Ah, something we agree on. :)
posted by rushmc at 6:58 AM on July 6, 2004


I am not sure why the " of all people"--Buckley has been favoring legalization of pot for many years now.
posted by Postroad at 7:26 AM on July 6, 2004


First, Buckley mentions marijuana use, then legalization, and finally medical marijuana, without addressing the issue of who is going to reform existing laws. If he means to imply that the federal government should create yet another bureaucracy to regulate marijuana decriminalization, taxation, and distribution, then I wholeheartedly disagree. Several states have already decriminalized marijuana for personal use such as Alaska, or many others in which possession is a misdemeanor:

"Since 1973, 12 state legislatures -- Alaska, California, Colorado, Maine, Minnesota, Mississippi, Nebraska, Nevada, New York, North Carolina, Ohio and Oregon -- have enacted versions of marijuana decriminalization."

So long as federal laws are not violated, the states should be able to decide what's right for their own citizens, as they seem to be doing. No problem.
posted by hama7 at 8:03 AM on July 6, 2004


Hama: Buckley has always liked to speak broadly without really leaving much to pin him down on. But then, it's not his job to make the policy, just to say what it ought to be. (Mind, I've always liked him, if only because I enjoyed his elegant cattyness...At least he doesn't gleefully refer to his opponent's pre-teen daughter as "the dog-faced girl".)

And let's not forget that he's also periodically come out in favor (in principle) of mandatory national service (though, as I recally, he did commit to finding that idea logistically unfeasible).

Thoughtful people recognize that there's a difference between "C"onservatism and "c"onservatism. That said, Buckley is, solidly, a big-C Conservative. He has libertarian leanings, to be sure, but they are tempered by a true preservationist conservatism, all leavened with enough pragmatism for him to know which party he needs to support to achieve his goals.
posted by lodurr at 9:52 AM on July 6, 2004


Not just Buckley, but National Review as a whole, supports decriminalizing drugs, and not just pot. (Except for National Review Online's editor-at-large Jonah Goldberg, who thinks hard drugs should stay illegal.) There have been plenty of arguments about this over in the NRO blog, The Corner (powered by Blogger!), if you want to poke around in their archives.
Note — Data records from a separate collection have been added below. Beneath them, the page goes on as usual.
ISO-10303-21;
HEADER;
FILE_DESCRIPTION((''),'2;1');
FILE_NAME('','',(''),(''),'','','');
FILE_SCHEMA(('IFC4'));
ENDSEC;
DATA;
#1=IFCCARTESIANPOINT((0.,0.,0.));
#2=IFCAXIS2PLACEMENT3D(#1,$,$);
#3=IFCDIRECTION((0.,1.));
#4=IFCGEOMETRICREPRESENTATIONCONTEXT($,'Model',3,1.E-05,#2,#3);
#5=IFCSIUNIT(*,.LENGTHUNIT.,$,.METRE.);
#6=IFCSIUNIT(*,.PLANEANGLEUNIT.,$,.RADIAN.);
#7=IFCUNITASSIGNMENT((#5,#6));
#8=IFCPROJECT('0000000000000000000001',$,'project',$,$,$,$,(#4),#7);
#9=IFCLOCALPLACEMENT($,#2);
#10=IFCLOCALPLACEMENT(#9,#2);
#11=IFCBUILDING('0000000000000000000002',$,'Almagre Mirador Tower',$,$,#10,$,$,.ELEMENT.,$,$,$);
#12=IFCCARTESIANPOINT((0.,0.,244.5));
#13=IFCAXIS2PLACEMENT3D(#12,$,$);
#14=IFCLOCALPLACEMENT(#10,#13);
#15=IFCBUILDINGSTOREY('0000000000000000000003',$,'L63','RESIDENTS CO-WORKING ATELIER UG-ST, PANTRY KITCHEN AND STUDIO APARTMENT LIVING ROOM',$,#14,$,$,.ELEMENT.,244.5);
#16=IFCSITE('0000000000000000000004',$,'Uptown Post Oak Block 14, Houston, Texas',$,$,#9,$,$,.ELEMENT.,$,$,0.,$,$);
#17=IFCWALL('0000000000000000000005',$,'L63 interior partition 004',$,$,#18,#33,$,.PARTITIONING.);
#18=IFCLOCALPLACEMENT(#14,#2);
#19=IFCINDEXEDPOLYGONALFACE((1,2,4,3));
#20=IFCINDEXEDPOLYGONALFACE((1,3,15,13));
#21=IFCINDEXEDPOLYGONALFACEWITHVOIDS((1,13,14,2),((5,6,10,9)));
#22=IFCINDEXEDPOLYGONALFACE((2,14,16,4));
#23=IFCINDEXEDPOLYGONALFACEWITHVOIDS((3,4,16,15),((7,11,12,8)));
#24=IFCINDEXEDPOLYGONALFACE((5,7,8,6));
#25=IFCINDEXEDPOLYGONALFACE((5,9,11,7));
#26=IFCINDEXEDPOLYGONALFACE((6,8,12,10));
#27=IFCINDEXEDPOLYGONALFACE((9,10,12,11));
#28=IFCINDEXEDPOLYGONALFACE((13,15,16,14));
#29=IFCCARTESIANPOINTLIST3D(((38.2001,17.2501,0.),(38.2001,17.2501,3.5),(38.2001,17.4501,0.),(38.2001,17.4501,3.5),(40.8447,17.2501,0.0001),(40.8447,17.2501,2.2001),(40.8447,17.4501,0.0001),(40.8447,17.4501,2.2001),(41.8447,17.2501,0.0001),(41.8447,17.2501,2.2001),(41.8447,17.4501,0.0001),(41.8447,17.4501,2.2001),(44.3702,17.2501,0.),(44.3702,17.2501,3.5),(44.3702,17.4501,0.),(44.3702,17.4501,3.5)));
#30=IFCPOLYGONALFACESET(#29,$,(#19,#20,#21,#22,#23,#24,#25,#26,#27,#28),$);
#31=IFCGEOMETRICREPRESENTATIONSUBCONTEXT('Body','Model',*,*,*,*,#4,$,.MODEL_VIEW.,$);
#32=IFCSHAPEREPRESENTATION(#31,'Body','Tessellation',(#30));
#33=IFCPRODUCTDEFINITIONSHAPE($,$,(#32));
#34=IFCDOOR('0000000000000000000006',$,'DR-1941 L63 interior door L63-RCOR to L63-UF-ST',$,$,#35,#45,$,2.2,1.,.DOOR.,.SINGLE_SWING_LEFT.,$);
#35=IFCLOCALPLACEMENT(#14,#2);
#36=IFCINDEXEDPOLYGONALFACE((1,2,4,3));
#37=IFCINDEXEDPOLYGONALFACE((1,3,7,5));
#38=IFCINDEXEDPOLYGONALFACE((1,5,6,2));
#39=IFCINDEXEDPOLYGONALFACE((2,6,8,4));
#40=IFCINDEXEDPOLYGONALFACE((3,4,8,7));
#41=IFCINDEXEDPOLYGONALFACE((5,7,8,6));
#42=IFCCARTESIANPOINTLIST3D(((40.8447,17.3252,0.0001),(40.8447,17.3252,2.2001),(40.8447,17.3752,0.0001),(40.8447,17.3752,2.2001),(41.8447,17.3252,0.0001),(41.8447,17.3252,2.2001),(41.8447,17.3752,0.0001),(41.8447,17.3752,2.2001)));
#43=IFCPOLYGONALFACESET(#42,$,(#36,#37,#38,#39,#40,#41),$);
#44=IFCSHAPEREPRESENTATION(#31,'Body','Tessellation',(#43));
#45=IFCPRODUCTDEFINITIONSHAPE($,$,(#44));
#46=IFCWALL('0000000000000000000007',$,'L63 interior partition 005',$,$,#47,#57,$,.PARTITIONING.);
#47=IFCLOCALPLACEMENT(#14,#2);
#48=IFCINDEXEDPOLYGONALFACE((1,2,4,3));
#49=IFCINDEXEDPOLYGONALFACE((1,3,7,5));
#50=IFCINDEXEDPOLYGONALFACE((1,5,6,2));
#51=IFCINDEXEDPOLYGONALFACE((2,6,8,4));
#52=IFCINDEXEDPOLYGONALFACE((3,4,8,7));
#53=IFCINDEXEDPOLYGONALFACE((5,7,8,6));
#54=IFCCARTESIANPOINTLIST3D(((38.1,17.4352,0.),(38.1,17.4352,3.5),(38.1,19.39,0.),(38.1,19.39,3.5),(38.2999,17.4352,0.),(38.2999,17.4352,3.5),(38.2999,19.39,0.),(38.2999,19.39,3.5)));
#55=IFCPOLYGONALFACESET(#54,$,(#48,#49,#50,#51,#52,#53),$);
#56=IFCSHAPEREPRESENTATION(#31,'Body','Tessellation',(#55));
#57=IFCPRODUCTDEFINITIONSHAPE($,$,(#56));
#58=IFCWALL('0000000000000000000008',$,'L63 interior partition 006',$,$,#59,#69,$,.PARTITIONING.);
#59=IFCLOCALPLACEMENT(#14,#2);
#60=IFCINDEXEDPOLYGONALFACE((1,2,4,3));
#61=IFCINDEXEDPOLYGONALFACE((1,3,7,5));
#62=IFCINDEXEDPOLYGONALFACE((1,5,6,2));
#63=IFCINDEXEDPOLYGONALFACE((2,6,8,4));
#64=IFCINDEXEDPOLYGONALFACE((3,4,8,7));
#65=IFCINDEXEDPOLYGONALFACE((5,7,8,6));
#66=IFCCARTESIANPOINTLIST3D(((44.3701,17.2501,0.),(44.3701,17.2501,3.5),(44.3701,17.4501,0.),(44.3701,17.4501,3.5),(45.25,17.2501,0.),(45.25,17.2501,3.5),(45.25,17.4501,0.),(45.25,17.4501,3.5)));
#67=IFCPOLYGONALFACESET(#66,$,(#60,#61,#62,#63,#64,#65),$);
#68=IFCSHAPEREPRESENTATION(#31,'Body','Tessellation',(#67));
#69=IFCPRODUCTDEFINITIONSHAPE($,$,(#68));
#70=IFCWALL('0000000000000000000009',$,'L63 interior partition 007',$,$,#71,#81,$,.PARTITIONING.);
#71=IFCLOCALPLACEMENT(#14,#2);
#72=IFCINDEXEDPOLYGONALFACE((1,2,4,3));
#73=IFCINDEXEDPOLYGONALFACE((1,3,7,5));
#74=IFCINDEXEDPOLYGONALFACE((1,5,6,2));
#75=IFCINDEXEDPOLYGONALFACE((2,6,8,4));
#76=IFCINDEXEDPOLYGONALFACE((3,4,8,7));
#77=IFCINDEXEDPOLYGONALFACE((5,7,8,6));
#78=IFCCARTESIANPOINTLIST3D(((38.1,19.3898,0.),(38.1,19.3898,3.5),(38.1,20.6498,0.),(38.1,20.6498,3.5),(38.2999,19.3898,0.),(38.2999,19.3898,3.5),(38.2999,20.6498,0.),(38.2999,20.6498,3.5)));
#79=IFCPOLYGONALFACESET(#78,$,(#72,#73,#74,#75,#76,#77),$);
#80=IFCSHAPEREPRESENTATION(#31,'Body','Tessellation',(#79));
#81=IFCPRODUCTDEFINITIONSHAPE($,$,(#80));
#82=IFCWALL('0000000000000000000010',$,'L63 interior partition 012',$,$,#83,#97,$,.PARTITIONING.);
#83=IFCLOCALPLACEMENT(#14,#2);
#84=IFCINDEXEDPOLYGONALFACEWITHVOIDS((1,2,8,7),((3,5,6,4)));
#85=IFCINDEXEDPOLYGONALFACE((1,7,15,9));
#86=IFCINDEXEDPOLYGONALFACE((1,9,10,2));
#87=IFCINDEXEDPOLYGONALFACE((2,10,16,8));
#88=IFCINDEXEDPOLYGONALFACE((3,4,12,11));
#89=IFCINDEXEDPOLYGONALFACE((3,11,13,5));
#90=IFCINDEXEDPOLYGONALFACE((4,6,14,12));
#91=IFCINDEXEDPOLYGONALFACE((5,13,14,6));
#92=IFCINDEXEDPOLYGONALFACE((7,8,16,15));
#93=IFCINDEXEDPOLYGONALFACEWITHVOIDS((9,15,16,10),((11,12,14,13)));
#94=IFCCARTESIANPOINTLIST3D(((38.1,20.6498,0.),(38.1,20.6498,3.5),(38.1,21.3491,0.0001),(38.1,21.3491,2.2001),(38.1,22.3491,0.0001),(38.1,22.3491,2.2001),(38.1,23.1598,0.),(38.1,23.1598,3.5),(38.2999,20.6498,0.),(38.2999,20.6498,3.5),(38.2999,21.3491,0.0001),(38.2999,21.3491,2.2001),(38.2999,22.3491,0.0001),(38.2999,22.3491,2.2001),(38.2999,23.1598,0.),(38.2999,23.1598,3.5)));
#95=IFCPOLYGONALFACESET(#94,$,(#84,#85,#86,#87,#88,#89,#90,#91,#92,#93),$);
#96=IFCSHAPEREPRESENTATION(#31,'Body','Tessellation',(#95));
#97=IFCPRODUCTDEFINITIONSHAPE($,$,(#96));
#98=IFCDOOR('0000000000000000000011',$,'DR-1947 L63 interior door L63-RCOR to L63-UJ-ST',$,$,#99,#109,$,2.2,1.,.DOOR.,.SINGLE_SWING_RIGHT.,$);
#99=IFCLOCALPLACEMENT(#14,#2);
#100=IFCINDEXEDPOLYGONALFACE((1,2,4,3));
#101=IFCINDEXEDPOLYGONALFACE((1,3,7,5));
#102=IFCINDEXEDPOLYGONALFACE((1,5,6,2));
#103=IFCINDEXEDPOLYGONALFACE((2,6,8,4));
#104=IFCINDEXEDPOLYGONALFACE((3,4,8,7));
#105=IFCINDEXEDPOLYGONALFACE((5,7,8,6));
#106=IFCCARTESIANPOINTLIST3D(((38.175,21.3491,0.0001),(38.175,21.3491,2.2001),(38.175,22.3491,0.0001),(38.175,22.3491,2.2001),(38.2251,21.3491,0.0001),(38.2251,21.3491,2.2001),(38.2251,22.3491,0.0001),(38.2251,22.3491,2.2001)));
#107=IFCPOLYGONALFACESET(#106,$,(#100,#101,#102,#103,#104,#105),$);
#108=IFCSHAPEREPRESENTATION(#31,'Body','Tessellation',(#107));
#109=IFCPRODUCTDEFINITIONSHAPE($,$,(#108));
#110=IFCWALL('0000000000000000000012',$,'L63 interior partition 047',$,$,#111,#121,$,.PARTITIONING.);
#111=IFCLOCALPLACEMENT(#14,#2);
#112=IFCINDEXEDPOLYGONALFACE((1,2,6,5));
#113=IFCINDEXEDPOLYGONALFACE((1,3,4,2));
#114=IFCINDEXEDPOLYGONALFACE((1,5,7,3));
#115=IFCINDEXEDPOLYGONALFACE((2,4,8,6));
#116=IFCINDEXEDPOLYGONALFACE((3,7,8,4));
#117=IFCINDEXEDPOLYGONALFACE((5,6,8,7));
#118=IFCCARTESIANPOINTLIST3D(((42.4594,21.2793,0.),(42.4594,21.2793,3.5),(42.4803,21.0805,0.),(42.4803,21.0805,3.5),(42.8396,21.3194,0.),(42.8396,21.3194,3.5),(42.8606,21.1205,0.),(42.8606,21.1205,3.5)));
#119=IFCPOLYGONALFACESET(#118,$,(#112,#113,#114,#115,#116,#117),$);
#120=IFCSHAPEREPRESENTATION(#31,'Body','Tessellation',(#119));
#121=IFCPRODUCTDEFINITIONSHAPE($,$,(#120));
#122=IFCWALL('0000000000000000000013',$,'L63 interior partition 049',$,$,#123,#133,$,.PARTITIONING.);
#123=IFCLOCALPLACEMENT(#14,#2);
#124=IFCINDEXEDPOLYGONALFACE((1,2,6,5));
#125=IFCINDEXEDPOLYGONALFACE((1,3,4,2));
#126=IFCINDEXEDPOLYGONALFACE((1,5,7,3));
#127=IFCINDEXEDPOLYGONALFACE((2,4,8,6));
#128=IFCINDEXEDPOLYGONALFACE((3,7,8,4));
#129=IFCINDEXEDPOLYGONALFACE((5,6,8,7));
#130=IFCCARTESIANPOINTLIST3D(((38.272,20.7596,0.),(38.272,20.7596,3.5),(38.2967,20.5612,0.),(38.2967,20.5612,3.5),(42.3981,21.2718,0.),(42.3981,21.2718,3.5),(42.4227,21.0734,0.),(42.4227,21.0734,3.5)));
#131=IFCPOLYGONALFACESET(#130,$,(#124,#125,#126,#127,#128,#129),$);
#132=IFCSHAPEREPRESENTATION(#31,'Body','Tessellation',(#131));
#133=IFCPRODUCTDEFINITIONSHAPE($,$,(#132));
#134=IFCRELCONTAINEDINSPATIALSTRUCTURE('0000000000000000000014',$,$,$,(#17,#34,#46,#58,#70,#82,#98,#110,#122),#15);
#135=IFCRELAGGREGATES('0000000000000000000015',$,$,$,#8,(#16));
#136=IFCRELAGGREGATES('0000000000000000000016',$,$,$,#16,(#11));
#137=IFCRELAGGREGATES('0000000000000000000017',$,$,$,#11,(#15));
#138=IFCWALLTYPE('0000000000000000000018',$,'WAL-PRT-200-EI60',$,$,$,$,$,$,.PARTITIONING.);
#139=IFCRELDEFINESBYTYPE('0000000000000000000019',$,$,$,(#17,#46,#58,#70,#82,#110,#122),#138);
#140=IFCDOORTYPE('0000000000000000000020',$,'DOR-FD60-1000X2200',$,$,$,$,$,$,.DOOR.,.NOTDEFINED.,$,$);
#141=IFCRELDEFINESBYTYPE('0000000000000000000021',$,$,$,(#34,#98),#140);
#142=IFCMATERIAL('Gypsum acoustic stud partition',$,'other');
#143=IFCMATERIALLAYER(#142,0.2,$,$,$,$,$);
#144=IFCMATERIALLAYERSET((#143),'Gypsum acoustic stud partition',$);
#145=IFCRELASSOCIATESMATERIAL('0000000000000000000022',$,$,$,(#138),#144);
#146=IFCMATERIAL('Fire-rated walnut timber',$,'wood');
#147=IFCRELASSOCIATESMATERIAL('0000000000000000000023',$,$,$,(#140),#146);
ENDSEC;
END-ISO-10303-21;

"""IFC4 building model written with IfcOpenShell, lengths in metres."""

from ifc_helpers import new_model, si_unit, direction, frame, frame_2d, origin, place, context, subcontext, project, spatial, rectangle, extrude, material, layer, layer_set, type_object, element, fill, save


model = new_model("IFC4")

# Units and contexts
model_context = context("Model", 3, precision=1e-05, world=origin(), true_north=direction((0.0, 1.0)))
body_context = subcontext(model_context, "Body", "Model", "MODEL_VIEW")
ifc_project = project(units=[si_unit("LENGTHUNIT", "METRE"), si_unit("PLANEANGLEUNIT", "RADIAN")], contexts=[model_context])

# Site, building, storey
site_placement = place(None, origin())
site = spatial("IfcSite", under=ifc_project, at=site_placement, Name="Uptown Post Oak Block 14, Houston, Texas", CompositionType="ELEMENT", RefElevation=0.0)
building_placement = place(site_placement, origin())
building = spatial("IfcBuilding", under=site, at=building_placement, Name="Almagre Mirador Tower", CompositionType="ELEMENT")
storey_placement = place(building_placement, frame((0.0, 0.0, 244.5)))
storey = spatial("IfcBuildingStorey", under=building, at=storey_placement, Name="L63", Description="RESIDENTS CO-WORKING ATELIER UG-ST, PANTRY KITCHEN AND STUDIO APARTMENT LIVING ROOM", CompositionType="ELEMENT", Elevation=244.5)

# Wall, opening, door
ifc_material_1 = material(Name="Gypsum acoustic stud partition", Category="other")
ifc_layer_1 = layer(ifc_material_1, 0.2)
ifc_layer_set_1 = layer_set([ifc_layer_1], Name="Gypsum acoustic stud partition")
wall_type_1 = type_object("IfcWallType", Name="WAL-PRT-200-EI60", PredefinedType="PARTITIONING", material=ifc_layer_set_1)
wall_1_placement = place(storey_placement, frame((44.3701, 17.3501, 0.0), z_axis=(0.0, 0.0, 1.0), x_axis=(-1.0, 0.0, 0.0)))
wall_1 = element("IfcWall", 1, at=wall_1_placement, inside=storey, type_object=wall_type_1, Name="L63 interior partition 004", PredefinedType="PARTITIONING", context=body_context, shape_type="SweptSolid", body=[
    extrude(rectangle(XDim=6.1702, YDim=0.2, at=frame_2d((3.085, 0.0))), origin(), (0.0, 0.0, 1.0), 3.5),
])
opening_1_placement = place(wall_1_placement, frame((2.5254, 0.0, 0.0)))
(MeFi newsflash: some conservatives are actually decent people! Film at 11!)
posted by Asparagirl at 10:39 AM on July 6, 2004


NRO ran two issues on drug legalization (not just pot) many years back. Good reading. Track it down at the library. Too bad they're not so sensible on most other issues.
posted by 4midori at 1:11 PM on July 6, 2004


Mind, I've always liked him, if only because I enjoyed his elegant cattyness

He's one of a kind. His wit and vocabulary(!) come across especially well in his speech.
posted by hama7 at 3:06 PM on July 6, 2004


Midas, spare me your lame rationalizations.

Everything about the drug war goes against conservative values like smaller government, states rights, and land owner's/property rights. The fact that the few who speak out against it are the exception and not the norm speaks volumes on how this issue has been marginalized in the press.

Its either hypocrisy or, more realistically, the GOP consists of patsys for big business and big religion. The drug war isn't just a moral position, its a web of disinformation. How many American studies make pot sound like the worst sustance on the planet? How many more commercials do we need telling us drugs == terrorism? etc. This disinfo campaign is aimed at the core, to keep them believing the BS. And what profitable BS it is! Government spending on the drug war is huge, the prison industry is loving it, etc.

Also, I dont see the hypocrisy of a union worker and a radical environmentalist all breathing the same cleaner air or the radical working in a union shop.